The recent capacity of simultaneous separating/purifying of Pneumocystis fungal cells from host cell debris, and Pneumocystis cystic forms from trophic forms while remaining infectious to the specific host, opened for the first time the possibility of characterizing the biology of each Pneumocystis stage and of substantially increasing our understanding of the Pneumocystis lifecycle [18]. In addition, progress made by the Pneumocystis Genome Project allowed the development of transcriptomic approaches to finely characterize the metabolism and biological properties of each Pneumocystis lifecycle stage [101].

The challenging issue of new potential clinical presentations of Pneumocystis infection (i.e., fetal intrauterine infection, primary infection in young children and infection in patients with chronic pulmonary diseases) will encourage investigators to clarify its role in these conditions [10].

Future clinical research should also include studying the transmission and epidemiology of PcP in populations worldwide, improving the diagnosis of PcP, improving regimens for prophylaxis and treatment in various patient populations, and determining the significance of the DHPS mutations in various populations and in different geographic locations. Furthermore, the threat of emerging resistance to available anti-Pneumocystis drugs highlights the need to continue investigating the biology of this organism in the hope of developing novel treatment strategies.

Acknowledgements

For their contributions to the success of the conference, the authors thank Robert F Miller (Royal Free and University College, UK); Cécile-Marie Aliouat (Institut Pasteur de Lille, France); El Moukhtar Aliouat (Lille Nord de France University, France); Magali Chabé (Institut Pasteur de Lille, France); François Delaporte (Université de Picardie, France); Gillez Nevez (Hôpital Augustin Morvan Centre Hospitalier Universitaire, France); Patricia Roux (Faculté de Médecine Saint-Antoine, France); Anne Totet (Université de Picardie Jules Verne, France); Annie Vitse (University of Lille, France); Olga Matos (Instituto de Higiene e Medicina Tropical, Portugal); Melanie T Cushion (University of Cincinnati College of Medicine, OH, USA), Malcolm A Finkelman (Cape Cod, Inc., MA, USA); Laurence Huang (San Francisco General Hospital, CA, USA); Andrew H Limper (Mayo Clinic, MN, USA); Edna S Kaneshiro (University of Cincinnati, OH, USA); Marta Barrionuevo (Instituto de Salud Carlos III, Spain); Carmen de la Horra (Hospital Universitario Virgen del Rocío, Spain); Sonia Gutiérrez-Rivero (Hospital Universitario Virgen del Rocío, Spain); Francisco J Medrano (Hospital Universitario Virgen del Rocío, Spain); Marco A Montes-Cano (Hospital Universitario Virgen del Rocío, Spain); Juan E Riese (Instituto de Salud Carlos III, Spain) and Philippe Hauser (Hospital Preventive Medicine, Switzerland).

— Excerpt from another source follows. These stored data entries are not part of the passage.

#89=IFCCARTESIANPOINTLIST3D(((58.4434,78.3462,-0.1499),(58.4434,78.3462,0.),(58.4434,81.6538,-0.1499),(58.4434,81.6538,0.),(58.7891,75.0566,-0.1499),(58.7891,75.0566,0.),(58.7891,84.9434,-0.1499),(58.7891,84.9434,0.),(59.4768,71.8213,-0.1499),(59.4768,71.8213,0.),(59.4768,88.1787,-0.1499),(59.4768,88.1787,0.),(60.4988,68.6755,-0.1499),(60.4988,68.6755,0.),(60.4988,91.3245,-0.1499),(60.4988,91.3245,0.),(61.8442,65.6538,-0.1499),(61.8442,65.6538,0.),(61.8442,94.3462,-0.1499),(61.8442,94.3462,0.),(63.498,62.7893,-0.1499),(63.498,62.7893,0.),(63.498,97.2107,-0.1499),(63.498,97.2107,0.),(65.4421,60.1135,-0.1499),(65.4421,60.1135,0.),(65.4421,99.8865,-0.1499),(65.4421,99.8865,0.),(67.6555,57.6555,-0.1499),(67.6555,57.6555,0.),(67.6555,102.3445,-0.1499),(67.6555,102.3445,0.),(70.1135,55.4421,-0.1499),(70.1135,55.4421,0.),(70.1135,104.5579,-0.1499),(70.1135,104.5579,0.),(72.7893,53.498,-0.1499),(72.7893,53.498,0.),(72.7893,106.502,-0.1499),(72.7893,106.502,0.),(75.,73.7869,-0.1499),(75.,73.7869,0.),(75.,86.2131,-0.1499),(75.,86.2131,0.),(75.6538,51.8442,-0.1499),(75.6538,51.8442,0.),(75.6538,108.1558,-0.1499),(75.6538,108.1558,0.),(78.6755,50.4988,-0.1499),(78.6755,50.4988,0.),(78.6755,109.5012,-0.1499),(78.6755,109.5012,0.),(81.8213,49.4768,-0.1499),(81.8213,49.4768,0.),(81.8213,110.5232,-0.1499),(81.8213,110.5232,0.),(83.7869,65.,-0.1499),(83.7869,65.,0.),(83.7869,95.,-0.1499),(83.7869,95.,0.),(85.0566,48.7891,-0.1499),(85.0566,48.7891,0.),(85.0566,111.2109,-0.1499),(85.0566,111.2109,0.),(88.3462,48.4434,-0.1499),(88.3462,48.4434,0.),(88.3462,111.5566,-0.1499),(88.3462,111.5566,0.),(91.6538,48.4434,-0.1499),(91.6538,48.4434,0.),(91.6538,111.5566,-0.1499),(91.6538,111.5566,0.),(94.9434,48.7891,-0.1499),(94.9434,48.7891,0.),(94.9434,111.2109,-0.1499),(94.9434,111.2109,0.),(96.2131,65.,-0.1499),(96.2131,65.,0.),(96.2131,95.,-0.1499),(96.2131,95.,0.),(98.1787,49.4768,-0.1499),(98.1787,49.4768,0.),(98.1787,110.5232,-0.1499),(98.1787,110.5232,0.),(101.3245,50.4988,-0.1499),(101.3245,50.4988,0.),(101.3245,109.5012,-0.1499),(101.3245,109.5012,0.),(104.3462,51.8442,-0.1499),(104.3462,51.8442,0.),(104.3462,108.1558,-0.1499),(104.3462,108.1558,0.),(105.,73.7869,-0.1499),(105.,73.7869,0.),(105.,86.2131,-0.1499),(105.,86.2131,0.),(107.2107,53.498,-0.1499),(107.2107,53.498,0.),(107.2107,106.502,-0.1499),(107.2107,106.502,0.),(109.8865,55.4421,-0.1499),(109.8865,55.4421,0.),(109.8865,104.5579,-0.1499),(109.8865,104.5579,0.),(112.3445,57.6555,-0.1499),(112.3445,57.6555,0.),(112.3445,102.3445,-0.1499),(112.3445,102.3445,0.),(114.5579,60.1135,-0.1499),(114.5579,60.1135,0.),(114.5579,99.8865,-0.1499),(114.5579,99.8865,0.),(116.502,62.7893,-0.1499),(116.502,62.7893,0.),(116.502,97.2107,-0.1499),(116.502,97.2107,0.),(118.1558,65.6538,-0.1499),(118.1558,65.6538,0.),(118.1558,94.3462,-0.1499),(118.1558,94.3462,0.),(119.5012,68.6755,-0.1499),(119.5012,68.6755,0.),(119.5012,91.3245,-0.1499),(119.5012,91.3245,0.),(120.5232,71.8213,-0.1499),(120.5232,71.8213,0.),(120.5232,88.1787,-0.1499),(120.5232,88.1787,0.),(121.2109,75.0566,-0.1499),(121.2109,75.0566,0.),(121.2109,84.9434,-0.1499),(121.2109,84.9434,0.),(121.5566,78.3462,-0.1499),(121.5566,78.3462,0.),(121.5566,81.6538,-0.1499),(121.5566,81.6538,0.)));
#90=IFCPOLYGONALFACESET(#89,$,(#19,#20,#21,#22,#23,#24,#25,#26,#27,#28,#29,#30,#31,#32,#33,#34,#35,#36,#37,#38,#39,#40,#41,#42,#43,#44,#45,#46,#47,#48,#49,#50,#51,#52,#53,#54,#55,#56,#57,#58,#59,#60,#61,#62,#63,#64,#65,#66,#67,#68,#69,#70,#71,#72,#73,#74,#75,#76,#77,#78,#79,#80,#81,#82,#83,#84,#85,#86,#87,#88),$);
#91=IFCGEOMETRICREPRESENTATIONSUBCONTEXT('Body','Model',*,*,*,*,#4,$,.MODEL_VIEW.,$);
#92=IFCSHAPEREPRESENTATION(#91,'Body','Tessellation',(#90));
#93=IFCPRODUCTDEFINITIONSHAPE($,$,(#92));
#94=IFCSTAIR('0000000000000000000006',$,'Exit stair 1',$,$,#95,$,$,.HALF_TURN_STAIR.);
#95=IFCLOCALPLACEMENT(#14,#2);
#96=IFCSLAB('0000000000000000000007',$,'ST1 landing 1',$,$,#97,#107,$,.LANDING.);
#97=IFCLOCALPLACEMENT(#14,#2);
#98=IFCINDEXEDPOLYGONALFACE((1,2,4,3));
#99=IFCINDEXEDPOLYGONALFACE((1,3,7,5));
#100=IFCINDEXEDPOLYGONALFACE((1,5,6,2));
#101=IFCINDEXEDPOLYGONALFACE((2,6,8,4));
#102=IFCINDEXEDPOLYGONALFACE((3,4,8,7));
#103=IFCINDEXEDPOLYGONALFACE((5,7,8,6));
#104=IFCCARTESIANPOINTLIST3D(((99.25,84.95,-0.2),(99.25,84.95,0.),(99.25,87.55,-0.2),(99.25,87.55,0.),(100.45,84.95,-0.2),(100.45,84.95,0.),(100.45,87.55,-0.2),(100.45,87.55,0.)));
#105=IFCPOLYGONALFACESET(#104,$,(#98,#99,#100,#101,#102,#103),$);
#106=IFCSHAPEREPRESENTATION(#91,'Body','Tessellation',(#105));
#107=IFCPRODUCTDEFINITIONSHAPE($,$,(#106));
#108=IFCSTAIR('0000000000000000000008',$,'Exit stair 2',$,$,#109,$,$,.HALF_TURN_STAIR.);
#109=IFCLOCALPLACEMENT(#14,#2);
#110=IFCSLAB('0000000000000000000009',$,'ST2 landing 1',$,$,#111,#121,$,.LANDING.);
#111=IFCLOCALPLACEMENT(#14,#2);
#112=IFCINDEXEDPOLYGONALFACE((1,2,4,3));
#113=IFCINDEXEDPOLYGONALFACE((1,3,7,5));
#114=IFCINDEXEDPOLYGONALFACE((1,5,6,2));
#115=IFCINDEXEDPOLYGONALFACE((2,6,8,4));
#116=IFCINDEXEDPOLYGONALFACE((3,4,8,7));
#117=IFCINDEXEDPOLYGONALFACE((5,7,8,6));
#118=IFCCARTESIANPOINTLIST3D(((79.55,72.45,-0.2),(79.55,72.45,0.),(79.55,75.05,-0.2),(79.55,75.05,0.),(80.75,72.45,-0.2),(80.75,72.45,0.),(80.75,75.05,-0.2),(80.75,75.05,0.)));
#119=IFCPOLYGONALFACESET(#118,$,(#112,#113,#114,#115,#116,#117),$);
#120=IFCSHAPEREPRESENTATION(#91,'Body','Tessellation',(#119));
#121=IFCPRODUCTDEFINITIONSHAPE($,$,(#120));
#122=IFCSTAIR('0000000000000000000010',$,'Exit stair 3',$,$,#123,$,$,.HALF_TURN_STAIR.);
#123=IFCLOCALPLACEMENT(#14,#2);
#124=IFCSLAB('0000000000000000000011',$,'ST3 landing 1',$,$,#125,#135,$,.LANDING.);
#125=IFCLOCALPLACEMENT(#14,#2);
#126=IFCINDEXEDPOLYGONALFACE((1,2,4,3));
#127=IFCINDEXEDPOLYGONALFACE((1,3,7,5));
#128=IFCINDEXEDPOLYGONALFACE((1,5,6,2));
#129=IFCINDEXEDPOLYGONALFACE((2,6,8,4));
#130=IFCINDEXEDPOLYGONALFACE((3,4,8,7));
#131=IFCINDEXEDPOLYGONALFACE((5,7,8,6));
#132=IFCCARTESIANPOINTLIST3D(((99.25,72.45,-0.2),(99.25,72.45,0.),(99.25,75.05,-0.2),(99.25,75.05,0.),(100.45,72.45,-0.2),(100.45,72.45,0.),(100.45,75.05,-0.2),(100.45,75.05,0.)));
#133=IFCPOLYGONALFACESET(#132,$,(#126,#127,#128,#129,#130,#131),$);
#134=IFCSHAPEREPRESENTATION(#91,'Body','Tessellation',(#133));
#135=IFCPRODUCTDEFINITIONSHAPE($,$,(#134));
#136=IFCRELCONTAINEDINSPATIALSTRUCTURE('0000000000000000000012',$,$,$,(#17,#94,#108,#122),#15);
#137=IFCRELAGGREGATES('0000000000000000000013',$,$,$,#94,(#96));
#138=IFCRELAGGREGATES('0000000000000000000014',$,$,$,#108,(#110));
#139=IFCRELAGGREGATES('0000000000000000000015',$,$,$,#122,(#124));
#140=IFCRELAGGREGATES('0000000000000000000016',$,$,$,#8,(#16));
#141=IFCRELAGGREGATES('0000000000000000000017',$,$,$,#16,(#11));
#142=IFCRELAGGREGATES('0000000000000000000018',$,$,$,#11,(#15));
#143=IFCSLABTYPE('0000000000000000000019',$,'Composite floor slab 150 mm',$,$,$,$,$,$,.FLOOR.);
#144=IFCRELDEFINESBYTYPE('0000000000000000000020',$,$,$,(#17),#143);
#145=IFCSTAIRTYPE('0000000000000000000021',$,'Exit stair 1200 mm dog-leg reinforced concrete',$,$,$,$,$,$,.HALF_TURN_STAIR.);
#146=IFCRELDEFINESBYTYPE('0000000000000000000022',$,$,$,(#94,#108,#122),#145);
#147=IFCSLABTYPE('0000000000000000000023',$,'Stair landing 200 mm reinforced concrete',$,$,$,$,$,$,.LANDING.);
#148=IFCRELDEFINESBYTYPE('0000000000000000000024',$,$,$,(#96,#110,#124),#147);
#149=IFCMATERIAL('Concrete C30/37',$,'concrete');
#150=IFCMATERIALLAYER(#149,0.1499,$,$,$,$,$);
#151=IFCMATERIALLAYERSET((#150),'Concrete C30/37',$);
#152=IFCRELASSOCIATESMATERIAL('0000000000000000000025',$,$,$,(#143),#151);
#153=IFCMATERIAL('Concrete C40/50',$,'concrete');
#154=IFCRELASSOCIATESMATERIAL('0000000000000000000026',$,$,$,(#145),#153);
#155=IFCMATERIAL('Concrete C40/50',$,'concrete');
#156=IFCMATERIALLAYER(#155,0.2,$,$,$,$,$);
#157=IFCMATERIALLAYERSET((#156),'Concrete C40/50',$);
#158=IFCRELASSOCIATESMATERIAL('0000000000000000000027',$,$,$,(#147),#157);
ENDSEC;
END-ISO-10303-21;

Financial & competing interests disclosure

The meeting was organized in the framework of the project ‘Pneumocystis Pathogenomics: Unravelling the Colonization-to-Disease Shift’ into a Coordination Action supported by the European Commission (ERA-NET PathoGenoMics, ANR-06-PATHO-009-01) and the Spanish Ministry of Science and Innovation (SAF2009-06804-E). The authors have no other relevant affiliations or financial involvement with any organization or entity with a financial interest in or financial conflict with the subject matter or materials discussed in the manuscript apart from those disclosed.

No writing assistance was utilized in the production of this manuscript.